SUSSEX COUNTY, Del.- People heading to Sussex County beaches have to walk around dead fish and crabs that have washed up.
Beachgoers including Bonnie Roberts-Burke who live part time in Broadkill Beach want to know why it is happening.
"This weekend I saw many many more but there are so many carcasses, mostly half or three-quarter eaten and I always worry about it but I don't know what the cause is but I would really like to," Roberts-Burke said.
The Delaware Department of Natural Resources & Environmental Control (DNREC) says there has been an influx over the past month of Atlantic menhaden in the Atlantic Ocean and the Delaware Bay with large schools from Cape Henlopen to Port Mahon in Kent County.
DNREC posted about the issue on March 9 on its Delaware Fish and Wildlife Facebook page.
"Atlantic menhaden are a major food source for larger fish, birds and marine mammals. The large schools of Atlantic menhaden in the ocean and bay have attracted high numbers of these predators that often injure the fish that wash ashore or panic the fish that then beach themselves."

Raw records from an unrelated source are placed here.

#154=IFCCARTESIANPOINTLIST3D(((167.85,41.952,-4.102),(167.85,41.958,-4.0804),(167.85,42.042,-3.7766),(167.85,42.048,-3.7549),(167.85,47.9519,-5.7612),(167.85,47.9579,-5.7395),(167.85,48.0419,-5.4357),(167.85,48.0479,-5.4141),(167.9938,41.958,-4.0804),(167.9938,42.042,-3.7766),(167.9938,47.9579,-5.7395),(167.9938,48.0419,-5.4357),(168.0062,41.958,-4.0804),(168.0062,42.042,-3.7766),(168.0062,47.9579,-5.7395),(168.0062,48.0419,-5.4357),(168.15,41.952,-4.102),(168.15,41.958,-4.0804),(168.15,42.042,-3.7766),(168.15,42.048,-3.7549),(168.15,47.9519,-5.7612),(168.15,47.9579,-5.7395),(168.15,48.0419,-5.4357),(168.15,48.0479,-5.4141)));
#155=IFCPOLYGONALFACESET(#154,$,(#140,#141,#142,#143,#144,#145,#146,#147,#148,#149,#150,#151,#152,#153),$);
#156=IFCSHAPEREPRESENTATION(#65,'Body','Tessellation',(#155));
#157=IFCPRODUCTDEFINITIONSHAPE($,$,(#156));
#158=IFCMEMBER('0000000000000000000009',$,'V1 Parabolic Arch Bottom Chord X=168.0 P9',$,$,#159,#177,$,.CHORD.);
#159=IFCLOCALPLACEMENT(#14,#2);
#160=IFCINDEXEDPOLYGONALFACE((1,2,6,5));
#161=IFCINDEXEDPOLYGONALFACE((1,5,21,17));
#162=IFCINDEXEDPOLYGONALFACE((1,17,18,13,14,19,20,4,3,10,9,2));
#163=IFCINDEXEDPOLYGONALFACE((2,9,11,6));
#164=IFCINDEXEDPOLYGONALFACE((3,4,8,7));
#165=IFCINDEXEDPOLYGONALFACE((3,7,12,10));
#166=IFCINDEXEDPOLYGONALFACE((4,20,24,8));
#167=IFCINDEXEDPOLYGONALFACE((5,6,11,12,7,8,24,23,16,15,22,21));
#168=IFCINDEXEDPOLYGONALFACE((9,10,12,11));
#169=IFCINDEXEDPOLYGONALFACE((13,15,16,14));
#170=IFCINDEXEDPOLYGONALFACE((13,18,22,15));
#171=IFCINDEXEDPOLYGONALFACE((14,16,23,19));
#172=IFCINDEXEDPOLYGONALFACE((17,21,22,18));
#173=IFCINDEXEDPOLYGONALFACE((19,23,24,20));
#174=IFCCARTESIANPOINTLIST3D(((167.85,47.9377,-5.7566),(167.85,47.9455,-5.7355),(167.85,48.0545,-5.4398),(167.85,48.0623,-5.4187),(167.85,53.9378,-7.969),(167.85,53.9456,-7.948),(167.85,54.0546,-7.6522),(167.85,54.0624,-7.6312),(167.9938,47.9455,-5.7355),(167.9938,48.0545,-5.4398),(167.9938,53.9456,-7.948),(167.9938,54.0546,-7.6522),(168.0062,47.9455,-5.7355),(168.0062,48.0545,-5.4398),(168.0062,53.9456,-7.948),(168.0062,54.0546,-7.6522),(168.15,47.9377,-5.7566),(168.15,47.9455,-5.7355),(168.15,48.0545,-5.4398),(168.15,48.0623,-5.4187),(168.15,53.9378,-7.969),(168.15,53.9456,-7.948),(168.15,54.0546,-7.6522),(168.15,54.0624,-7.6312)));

About a half mile from the Broadkill Road beach access, there's many more dead fish and dead crabs laying around and this is a concern for people who live here and for people that visit here and walk the beach.
But Delaware Center For The Inland Bays Executive Director Chris Bason says this could be due to a virus called Vibrio.
"It's infecting the fish and it's causing them to behave erratically and die," Bason said. "And some people are referring to the disease it causes as spinning disease because you see some of the fish slowly spinning at the surface before they pass away."
Going three miles north to Prime Hook Beach, the scene is the same. One that has been seen in years past and beachgoers may continue to see in the days ahead.
DNREC says if anyone notices something that could be a suspected fish kill on a beach or shore to call the Fisheries Section of the department.